Study of Exploiting Coarse-Grained Parallelism in Block-Oriented Numerical Linear Algebra Routines

Author/Creator ORCID

Date

2020-06-17

Department

Program

Citation of Original Publication

Gerson C. Kroiz et al., Study of Exploiting Coarse-Grained Parallelism in Block-Oriented Numerical Linear Algebra Routines,Proceedings in Applied Mathematics and Mechanics (2020), http://hpcf-files.umbc.edu/research/papers/S17_Kroiz_v1.pdf

Rights

This item is likely protected under Title 17 of the U.S. Copyright Law. Unless on a Creative Commons license, for uses protected by Copyright Law, contact the copyright holder or the author.

Abstract

We have developed streaming implementations of two numerical linear algebra operations that further exploit the block decomposition strategies commonly used in these operations to obtain performance. The implementations formulate algorithms as data flow graphs and use coarse-grained parallelism to (1) emit a block in the result matrix as soon as it becomes available and (2) compute on multiple blocks in parallel.
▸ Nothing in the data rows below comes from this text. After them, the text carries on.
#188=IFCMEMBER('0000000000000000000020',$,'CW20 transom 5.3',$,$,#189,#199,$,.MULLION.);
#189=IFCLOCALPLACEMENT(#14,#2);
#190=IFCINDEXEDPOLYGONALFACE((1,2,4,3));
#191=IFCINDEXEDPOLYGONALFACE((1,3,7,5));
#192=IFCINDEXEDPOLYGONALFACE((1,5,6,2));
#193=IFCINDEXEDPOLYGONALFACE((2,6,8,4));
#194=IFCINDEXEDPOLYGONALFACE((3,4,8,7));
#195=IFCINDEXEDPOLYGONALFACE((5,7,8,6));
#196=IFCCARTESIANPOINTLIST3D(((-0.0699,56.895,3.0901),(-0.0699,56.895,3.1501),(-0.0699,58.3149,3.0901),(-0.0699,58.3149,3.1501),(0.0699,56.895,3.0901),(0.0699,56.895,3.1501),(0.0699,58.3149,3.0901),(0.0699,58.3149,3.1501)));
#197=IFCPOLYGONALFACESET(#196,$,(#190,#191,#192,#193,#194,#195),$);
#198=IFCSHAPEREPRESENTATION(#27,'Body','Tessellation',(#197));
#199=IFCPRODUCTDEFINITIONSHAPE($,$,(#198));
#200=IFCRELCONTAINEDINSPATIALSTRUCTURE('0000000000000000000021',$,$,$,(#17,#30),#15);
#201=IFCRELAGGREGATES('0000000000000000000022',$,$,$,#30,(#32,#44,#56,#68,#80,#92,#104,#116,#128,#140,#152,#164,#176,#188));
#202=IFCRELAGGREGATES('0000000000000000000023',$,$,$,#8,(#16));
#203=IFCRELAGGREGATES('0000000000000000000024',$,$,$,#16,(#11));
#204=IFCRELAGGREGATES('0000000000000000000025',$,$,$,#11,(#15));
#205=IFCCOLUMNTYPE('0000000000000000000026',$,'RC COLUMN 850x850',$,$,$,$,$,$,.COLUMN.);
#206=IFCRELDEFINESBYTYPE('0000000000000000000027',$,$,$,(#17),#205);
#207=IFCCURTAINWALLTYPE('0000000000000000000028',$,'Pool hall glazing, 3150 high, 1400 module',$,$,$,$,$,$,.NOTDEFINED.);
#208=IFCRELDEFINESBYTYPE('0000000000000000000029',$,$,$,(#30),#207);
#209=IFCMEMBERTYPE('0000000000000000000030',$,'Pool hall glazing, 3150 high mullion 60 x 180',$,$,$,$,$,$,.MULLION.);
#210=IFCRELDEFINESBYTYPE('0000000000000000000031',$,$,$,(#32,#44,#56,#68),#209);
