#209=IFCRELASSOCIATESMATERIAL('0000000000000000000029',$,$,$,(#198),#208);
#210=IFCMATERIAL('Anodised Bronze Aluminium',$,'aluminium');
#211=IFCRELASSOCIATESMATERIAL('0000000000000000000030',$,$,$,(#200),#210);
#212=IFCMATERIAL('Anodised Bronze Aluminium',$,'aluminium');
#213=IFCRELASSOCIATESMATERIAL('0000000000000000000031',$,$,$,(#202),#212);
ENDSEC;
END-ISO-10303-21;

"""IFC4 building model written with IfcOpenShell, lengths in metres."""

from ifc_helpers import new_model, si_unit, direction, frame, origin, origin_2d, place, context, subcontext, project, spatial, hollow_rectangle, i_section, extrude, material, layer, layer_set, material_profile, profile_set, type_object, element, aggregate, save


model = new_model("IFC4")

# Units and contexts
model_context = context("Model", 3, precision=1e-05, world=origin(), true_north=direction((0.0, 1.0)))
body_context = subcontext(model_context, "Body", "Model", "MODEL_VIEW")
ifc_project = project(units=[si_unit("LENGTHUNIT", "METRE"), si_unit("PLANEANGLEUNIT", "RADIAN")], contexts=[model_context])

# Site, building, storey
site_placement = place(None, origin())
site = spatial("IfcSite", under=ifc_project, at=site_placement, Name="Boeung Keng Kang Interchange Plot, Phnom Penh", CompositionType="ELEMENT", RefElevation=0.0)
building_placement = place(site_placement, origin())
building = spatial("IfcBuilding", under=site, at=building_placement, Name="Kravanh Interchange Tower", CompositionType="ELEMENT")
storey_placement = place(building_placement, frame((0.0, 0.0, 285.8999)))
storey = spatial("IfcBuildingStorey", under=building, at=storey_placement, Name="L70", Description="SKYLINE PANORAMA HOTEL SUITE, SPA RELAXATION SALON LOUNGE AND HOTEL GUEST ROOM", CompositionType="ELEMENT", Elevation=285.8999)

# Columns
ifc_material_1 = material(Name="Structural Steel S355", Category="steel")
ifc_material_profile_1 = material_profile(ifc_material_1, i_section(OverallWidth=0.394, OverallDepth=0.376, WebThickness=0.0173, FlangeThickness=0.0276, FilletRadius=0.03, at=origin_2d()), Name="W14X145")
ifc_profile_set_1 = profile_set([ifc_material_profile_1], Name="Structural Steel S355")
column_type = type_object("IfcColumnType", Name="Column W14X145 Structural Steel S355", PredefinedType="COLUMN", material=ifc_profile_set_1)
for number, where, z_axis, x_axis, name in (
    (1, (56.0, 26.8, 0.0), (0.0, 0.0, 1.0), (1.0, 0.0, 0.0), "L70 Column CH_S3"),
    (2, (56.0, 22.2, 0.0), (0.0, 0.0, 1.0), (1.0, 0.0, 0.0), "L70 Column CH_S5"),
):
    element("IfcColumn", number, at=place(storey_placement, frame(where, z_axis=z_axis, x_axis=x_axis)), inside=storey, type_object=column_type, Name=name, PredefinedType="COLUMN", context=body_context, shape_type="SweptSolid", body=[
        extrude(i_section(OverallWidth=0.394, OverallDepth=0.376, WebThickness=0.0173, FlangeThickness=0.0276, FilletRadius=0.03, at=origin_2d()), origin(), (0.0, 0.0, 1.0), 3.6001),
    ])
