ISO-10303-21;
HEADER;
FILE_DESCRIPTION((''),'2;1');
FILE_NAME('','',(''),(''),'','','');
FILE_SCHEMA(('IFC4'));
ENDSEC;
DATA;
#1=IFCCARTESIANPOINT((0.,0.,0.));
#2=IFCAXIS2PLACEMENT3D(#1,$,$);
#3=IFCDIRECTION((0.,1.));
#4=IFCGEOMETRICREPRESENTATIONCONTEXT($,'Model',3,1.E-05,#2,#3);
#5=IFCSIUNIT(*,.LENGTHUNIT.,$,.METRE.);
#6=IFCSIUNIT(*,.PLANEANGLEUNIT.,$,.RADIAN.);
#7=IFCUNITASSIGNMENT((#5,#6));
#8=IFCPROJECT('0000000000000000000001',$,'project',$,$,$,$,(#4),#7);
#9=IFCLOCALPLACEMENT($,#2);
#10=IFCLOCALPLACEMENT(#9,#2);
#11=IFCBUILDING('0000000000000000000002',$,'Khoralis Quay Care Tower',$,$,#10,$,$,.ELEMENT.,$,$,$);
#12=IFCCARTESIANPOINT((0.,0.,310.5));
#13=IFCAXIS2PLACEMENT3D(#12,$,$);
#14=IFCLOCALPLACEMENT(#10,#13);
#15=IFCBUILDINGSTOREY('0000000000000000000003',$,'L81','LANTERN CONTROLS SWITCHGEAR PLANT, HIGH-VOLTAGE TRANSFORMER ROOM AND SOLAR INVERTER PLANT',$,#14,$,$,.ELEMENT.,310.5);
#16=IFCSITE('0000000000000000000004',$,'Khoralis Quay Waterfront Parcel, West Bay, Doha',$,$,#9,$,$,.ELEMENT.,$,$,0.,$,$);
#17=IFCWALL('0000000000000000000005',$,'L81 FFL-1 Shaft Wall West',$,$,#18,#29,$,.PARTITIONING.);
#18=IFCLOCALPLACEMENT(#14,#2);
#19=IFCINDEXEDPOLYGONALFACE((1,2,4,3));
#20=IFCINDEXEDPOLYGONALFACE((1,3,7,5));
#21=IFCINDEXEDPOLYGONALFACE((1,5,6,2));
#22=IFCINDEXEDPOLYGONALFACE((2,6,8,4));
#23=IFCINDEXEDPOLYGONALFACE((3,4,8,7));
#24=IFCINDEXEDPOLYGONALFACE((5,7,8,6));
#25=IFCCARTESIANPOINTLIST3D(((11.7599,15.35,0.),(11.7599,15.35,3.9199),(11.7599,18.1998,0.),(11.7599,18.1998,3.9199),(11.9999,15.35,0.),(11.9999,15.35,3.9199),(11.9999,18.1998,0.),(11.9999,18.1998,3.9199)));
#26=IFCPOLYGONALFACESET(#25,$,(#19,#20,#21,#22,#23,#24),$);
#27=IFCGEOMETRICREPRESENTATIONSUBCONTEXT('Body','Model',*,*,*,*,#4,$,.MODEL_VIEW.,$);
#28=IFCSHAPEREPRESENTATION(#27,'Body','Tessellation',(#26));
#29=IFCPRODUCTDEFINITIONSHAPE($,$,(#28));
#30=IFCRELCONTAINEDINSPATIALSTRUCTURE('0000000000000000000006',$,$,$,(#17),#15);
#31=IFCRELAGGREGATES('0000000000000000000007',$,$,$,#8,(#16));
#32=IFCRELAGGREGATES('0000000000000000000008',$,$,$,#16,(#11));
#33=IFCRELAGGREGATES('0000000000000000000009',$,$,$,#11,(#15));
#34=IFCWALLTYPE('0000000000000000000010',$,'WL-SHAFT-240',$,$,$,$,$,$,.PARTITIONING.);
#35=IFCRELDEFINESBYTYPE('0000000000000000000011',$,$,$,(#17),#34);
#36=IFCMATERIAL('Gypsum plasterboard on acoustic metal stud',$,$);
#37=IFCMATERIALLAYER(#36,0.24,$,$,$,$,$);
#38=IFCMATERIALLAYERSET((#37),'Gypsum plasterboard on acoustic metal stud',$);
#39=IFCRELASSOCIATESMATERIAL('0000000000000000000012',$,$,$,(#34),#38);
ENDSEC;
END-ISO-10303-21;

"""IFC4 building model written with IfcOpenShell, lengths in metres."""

from ifc_helpers import new_model, si_unit, direction, frame, frame_2d, origin, place, context, subcontext, project, spatial, rectangle, extrude, material, layer, layer_set, type_object, element, save


model = new_model("IFC4")

# Units and contexts
model_context = context("Model", 3, precision=1e-05, world=origin(), true_north=direction((0.0, 1.0)))
body_context = subcontext(model_context, "Body", "Model", "MODEL_VIEW")
ifc_project = project(units=[si_unit("LENGTHUNIT", "METRE"), si_unit("PLANEANGLEUNIT", "RADIAN")], contexts=[model_context])

# Site, building, storey
site_placement = place(None, origin())
site = spatial("IfcSite", under=ifc_project, at=site_placement, Name="Khoralis Quay Waterfront Parcel, West Bay, Doha", CompositionType="ELEMENT", RefElevation=0.0)
building_placement = place(site_placement, origin())
building = spatial("IfcBuilding", under=site, at=building_placement, Name="Khoralis Quay Care Tower", CompositionType="ELEMENT")
storey_placement = place(building_placement, frame((0.0, 0.0, 310.5)))
storey = spatial("IfcBuildingStorey", under=building, at=storey_placement, Name="L81", Description="LANTERN CONTROLS SWITCHGEAR PLANT, HIGH-VOLTAGE TRANSFORMER ROOM AND SOLAR INVERTER PLANT", CompositionType="ELEMENT", Elevation=310.5)

# Shared definitions
ifc_material_1 = material(Name="Gypsum plasterboard on acoustic metal stud")

# Wall
ifc_layer_1 = layer(ifc_material_1, 0.24)
ifc_layer_set_1 = layer_set([ifc_layer_1], Name="Gypsum plasterboard on acoustic metal stud")
wall_type_1 = type_object("IfcWallType", Name="WL-SHAFT-240", PredefinedType="PARTITIONING", material=ifc_layer_set_1)
wall_1_placement = place(storey_placement, frame((11.8799, 15.3501, 0.0), z_axis=(0.0, 0.0, 1.0), x_axis=(0.0, 1.0, 0.0)))
element("IfcWall", 1, at=wall_1_placement, inside=storey, type_object=wall_type_1, Name="L81 FFL-1 Shaft Wall West", PredefinedType="PARTITIONING", context=body_context, shape_type="SweptSolid", body=[
    extrude(rectangle(XDim=2.8499, YDim=0.24, at=frame_2d((1.4248, 0.0))), origin(), (0.0, 0.0, 1.0), 3.9199),
])

save(model, "model.ifc")
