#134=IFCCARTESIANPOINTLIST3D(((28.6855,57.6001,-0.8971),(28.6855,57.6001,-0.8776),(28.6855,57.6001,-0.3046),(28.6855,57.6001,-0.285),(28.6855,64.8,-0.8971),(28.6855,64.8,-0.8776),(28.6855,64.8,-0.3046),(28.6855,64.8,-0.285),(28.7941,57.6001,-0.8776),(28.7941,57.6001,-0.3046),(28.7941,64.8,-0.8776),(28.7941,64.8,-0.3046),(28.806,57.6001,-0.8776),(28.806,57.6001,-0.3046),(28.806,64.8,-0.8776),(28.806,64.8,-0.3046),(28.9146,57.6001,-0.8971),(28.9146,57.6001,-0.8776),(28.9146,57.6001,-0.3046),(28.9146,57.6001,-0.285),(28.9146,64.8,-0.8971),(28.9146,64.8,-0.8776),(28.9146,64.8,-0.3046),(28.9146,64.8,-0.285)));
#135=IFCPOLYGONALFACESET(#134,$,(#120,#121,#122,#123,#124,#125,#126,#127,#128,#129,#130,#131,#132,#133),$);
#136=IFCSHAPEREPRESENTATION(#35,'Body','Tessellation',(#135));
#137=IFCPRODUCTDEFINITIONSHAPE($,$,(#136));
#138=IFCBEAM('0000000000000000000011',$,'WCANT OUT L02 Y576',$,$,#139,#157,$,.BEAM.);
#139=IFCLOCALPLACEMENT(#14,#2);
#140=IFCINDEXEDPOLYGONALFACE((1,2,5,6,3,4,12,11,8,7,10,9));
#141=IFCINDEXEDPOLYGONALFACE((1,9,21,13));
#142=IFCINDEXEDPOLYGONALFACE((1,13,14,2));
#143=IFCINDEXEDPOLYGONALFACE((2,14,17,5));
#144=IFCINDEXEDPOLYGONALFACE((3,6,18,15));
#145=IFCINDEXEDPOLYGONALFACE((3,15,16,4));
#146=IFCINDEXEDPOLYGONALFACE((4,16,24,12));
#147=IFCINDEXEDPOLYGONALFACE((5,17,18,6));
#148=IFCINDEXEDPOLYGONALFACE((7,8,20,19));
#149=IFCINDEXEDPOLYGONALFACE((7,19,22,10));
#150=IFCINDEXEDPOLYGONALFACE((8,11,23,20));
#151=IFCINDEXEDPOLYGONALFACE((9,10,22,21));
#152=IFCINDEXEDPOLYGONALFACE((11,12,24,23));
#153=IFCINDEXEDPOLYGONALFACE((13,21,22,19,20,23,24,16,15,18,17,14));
This streaming design benefits data flow graphs consisting of multiple linear algebra operations as it removes synchronization points between successive operations: a result block from an operation can be used immediately in an algorithm’s successor operations without waiting for the full result from the first operation. Early comparisons with OpenBLAS functions on CPUs show comparable performance for computing with large dense matrices and an earliest arrival time of a result block that is up to 50x smaller than the time needed for a full result. More thorough studies can show the impact of such implementations on the performance of systems by chaining multiple linear algebra operations.